Postby alberich00 » Wed May 01, 2013 11:33 pm

Dear Discussion forum visitors and members:

Wintersturmer (Robert Pelletier) wrote me the following (scroll down below my response, which follows immediately, to his initial email to me, which can be found below it) email with some very interesting questions about the Sword Motif's (#57) final appearance in the "Ring," and other Wagnerian matters of interest:

Dear Robert:

Well, you're our newest member of the discussion forum.

By the way, I think your following points and questions would make a good posting to the forum, so I'll save you some trouble by copying and pasting it there. Of course, from now on, you're able to do this yourself.

On the final appearance of the Sword Motif when Siegfried's dead hand rises to warn Hagen away from the Ring, this gave me alot of trouble in my life-long attempt to grasp the "Ring" as a whole. Initially it seemed to run against the grain of other parts of my interpretation, and, as always, I couldn't be content with any of it until all of it could be grasped within one frame of reference (I realize of course that it's not absolutely necessary that the whole "Ring" make sense within a single frame of reference; however, I feel I've found enough evidence over a lifetime to present a coherent reading which can account for virtually all of it, though I would be the first to admit that this coherent frame of reference does not exhaust the meaning of the "Ring"). But I've always found it helpful to look at the entire scope of meaning of a symbol and/or its motif.

Note Cooke's observation, quite true, that the second, five-note segment of the 7-note Sword Motif is Motif #1, the primal nature motif, if you will. This represents, among other things, the primal innocence before the Fall which occurred with the birth of human consciousness (represented I believe by Alberich's forging of his Ring), and also, as you suggest below (taking its transformation into the Sword Motif which has some phallic significance), this in turn stands for the creative fertility of nature, or evolution, if you will. Since the Fall is brought about by the birth (in the course of the natural evolution of animal species) of human consciousness, it's implicit that if there is no metaphysical or spiritual conclusion to the "Ring," no redemption in a religious sense, perhaps the only way to restore lost innocence would be to end human consciousness. In any case, Wotan's Grand Idea, if you were to sum it up, is that his race of heroes will restore the innocence he has lost. Of course, that in effect is the motive of all the higher religions, in one way or another. To this extent Wotan's will is fulfilled in the end, but not in the way Wotan had imagined. He had imagined that Siegfried's and Bruennhilde's love (they being his heirs, representing as they do the union of drama and music, conscious mind and unconscious inspiration, in that secular art known as music-drama, which according to Wagner falls heir to religious man's quest for redemption when religious faith is dying), i.e., secular art, would redeem the gods from destruction, but in the end the only redemption seems to have consisted in grasping that no redemption is possible, and that we must accept nature, and human nature, as they are. On the other hand it's possible that the finale of the "Ring" represents a catastrophic end to all things, and this reading of redemption also is echoed in aspects of Wagner's world-view.

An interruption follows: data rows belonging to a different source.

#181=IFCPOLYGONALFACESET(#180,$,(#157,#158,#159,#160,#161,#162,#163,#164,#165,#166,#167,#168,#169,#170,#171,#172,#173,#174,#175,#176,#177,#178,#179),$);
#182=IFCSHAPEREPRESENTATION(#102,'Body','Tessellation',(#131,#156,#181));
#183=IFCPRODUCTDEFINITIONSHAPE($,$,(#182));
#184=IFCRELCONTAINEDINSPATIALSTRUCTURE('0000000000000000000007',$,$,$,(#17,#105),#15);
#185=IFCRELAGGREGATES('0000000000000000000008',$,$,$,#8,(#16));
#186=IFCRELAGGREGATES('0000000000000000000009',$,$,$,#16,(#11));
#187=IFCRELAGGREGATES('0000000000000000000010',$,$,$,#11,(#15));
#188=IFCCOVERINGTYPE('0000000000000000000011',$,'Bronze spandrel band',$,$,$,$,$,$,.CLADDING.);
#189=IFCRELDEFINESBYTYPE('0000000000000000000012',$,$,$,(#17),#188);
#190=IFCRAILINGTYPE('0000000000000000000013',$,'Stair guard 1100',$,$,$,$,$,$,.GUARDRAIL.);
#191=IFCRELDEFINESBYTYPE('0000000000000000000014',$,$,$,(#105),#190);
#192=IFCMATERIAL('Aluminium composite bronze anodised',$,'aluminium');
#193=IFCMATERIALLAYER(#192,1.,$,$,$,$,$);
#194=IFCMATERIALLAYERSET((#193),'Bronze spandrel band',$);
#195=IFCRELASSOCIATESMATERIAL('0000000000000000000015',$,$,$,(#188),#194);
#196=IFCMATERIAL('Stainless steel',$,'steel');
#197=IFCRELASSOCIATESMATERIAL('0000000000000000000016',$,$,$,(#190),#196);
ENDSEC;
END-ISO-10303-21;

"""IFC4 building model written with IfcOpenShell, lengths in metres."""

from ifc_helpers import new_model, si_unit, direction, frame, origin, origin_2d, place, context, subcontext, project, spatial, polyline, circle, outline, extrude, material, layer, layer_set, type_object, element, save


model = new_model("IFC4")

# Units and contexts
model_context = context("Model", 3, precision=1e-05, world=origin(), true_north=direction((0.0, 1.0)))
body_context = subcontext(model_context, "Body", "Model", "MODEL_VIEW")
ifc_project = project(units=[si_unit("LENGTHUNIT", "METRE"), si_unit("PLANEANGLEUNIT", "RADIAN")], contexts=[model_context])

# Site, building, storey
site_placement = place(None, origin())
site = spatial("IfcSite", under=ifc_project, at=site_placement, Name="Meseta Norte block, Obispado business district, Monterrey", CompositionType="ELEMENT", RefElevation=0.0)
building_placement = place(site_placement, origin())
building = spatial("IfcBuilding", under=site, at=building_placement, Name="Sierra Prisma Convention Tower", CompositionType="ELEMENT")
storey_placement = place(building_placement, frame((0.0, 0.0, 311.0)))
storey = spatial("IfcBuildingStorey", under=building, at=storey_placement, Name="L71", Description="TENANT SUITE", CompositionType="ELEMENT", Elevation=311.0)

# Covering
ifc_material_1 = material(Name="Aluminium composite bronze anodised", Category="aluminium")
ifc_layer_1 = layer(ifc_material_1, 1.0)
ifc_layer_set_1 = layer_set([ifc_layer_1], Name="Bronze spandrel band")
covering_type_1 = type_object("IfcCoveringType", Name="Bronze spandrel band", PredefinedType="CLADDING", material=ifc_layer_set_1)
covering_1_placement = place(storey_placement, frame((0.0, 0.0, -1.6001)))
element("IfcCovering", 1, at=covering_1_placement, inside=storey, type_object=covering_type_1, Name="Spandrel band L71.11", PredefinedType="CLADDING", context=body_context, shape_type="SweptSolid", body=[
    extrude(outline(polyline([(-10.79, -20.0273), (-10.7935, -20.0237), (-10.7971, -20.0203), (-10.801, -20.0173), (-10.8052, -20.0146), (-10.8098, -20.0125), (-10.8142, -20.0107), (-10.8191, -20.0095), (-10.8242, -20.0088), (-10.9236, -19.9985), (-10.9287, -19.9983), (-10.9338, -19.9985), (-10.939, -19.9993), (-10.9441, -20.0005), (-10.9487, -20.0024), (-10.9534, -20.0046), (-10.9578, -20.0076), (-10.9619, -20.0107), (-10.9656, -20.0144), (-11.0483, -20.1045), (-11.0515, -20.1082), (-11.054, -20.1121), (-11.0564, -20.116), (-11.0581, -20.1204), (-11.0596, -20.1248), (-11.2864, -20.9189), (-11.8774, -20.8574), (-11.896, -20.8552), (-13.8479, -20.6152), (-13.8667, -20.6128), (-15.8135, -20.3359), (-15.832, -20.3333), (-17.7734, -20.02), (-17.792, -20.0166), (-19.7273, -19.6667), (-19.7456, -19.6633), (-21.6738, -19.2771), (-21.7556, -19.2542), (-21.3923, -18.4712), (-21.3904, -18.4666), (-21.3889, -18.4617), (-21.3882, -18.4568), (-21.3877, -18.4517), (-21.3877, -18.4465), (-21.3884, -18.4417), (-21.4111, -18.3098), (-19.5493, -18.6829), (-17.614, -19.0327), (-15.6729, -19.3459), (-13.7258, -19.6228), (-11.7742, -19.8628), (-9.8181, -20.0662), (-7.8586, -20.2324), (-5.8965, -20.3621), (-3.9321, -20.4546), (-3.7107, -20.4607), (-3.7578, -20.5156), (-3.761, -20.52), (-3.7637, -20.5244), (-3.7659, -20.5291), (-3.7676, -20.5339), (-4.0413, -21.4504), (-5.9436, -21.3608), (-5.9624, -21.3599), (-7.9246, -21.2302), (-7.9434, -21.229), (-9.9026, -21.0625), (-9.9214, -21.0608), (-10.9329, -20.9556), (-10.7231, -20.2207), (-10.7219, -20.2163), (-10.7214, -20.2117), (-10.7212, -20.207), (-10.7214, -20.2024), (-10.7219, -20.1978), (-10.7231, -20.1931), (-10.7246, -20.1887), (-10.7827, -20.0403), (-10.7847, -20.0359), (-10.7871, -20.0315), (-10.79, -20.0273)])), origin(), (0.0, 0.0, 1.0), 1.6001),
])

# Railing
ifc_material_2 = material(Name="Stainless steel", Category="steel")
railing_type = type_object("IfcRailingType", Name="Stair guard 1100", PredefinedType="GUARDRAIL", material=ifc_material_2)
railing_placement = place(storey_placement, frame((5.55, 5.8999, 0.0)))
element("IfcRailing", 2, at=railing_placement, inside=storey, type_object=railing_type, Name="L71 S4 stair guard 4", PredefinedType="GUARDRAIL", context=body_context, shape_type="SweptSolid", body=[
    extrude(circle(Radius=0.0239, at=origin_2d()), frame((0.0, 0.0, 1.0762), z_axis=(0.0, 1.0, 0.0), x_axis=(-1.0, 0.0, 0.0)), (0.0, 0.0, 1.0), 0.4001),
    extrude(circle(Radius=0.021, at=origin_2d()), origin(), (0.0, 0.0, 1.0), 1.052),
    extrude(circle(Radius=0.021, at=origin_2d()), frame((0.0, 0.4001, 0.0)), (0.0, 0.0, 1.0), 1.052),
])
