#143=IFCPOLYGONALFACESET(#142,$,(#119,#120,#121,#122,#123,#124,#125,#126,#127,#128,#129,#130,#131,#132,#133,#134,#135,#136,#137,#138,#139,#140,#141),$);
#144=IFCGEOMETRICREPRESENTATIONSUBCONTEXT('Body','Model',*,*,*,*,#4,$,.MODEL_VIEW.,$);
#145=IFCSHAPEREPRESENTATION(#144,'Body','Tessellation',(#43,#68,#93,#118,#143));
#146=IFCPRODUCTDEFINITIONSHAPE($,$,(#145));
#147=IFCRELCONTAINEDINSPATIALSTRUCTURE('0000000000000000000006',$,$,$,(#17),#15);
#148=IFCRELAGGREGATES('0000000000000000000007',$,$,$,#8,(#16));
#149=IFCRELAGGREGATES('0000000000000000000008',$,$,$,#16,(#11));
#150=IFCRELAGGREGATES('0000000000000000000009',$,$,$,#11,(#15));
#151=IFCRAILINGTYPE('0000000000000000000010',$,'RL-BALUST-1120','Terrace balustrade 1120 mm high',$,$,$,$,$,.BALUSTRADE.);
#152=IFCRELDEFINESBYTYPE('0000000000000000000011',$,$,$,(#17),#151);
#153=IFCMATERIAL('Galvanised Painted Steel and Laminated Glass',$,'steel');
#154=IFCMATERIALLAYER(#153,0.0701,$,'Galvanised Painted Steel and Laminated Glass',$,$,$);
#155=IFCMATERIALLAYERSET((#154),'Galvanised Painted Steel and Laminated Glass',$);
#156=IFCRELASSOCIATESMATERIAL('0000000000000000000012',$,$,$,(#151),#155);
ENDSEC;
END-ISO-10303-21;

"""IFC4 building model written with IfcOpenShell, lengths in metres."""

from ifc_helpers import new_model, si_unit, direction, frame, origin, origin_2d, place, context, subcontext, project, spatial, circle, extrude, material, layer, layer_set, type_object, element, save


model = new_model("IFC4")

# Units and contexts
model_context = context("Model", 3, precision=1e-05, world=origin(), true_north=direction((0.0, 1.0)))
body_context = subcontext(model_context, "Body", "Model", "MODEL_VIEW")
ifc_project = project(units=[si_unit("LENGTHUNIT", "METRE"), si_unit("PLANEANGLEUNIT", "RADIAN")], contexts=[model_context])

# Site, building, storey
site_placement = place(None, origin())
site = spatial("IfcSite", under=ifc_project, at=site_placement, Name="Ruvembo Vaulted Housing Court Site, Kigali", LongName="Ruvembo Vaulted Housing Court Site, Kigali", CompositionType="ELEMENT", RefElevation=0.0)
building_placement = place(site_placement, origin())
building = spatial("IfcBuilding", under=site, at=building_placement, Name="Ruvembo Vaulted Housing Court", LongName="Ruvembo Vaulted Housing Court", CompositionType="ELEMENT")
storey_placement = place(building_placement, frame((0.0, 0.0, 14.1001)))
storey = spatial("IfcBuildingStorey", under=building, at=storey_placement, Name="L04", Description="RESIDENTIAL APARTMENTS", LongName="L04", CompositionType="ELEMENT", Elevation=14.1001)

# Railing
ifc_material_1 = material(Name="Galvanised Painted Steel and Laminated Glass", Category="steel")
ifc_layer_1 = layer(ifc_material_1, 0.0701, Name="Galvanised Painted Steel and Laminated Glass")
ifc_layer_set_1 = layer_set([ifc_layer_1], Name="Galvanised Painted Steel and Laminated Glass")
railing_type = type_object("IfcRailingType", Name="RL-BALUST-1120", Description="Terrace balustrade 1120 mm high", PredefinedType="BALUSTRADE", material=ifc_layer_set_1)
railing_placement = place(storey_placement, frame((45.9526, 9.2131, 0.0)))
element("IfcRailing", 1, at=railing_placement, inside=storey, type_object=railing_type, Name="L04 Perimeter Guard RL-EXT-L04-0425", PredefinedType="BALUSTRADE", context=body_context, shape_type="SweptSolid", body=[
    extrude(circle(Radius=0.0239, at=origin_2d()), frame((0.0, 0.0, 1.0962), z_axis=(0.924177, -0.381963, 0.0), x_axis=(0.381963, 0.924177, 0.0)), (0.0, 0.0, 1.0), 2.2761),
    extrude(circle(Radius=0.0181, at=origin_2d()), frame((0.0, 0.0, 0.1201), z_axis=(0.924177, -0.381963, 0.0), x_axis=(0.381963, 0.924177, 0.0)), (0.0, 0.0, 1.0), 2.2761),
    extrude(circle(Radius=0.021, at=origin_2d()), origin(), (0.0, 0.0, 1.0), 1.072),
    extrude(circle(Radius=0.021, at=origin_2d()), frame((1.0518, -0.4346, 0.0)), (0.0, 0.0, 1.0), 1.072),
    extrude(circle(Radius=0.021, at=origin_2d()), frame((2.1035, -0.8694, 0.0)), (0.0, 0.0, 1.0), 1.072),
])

I tried to write to Joseph Campbell years ago, after having read his four-part tome on Myth, which concludes with fascinating discussions of recreations of myth in modern literature and philosophy in Schopenhauer, Nietzsche, Wagner, Mann, Proust, Joyce, etc., if memory serves. However, his agent wrote back to say he was dying, and of course he was gone not long thereafter, so I never had a chance to communicate with him. I can't imagine a greater joy than to have spent unlimited time shooting the breeze with him about mythology, Wagner, etc.
In 1981 I tried to meet with Claude Levi-Strauss at the College de France, only to learn from his secretary that he was on sabbatical in Australia. You probably noted in the intro to my book posted here at my tribute to him.

That business about the hero having to symbolically kill the father certainly has resonance in the Wagnerian context, as you say. You mention Siegfried breaking Wotan's spear with
Siegfried's sword Nothung (the word Nothung, the Needful, by the way, referencing Feuerbach's notion of natural necessity, taking us back again to the primal nature motif #1 conceptually). It's interesting to consider that it is as if Wotan's Spear is in a sense a figurative tree of knowledge, the Fall as represented by the social contract, which Siegfried's sword, representing Wotan's desperation to restore the innocence that he has lost, breaks.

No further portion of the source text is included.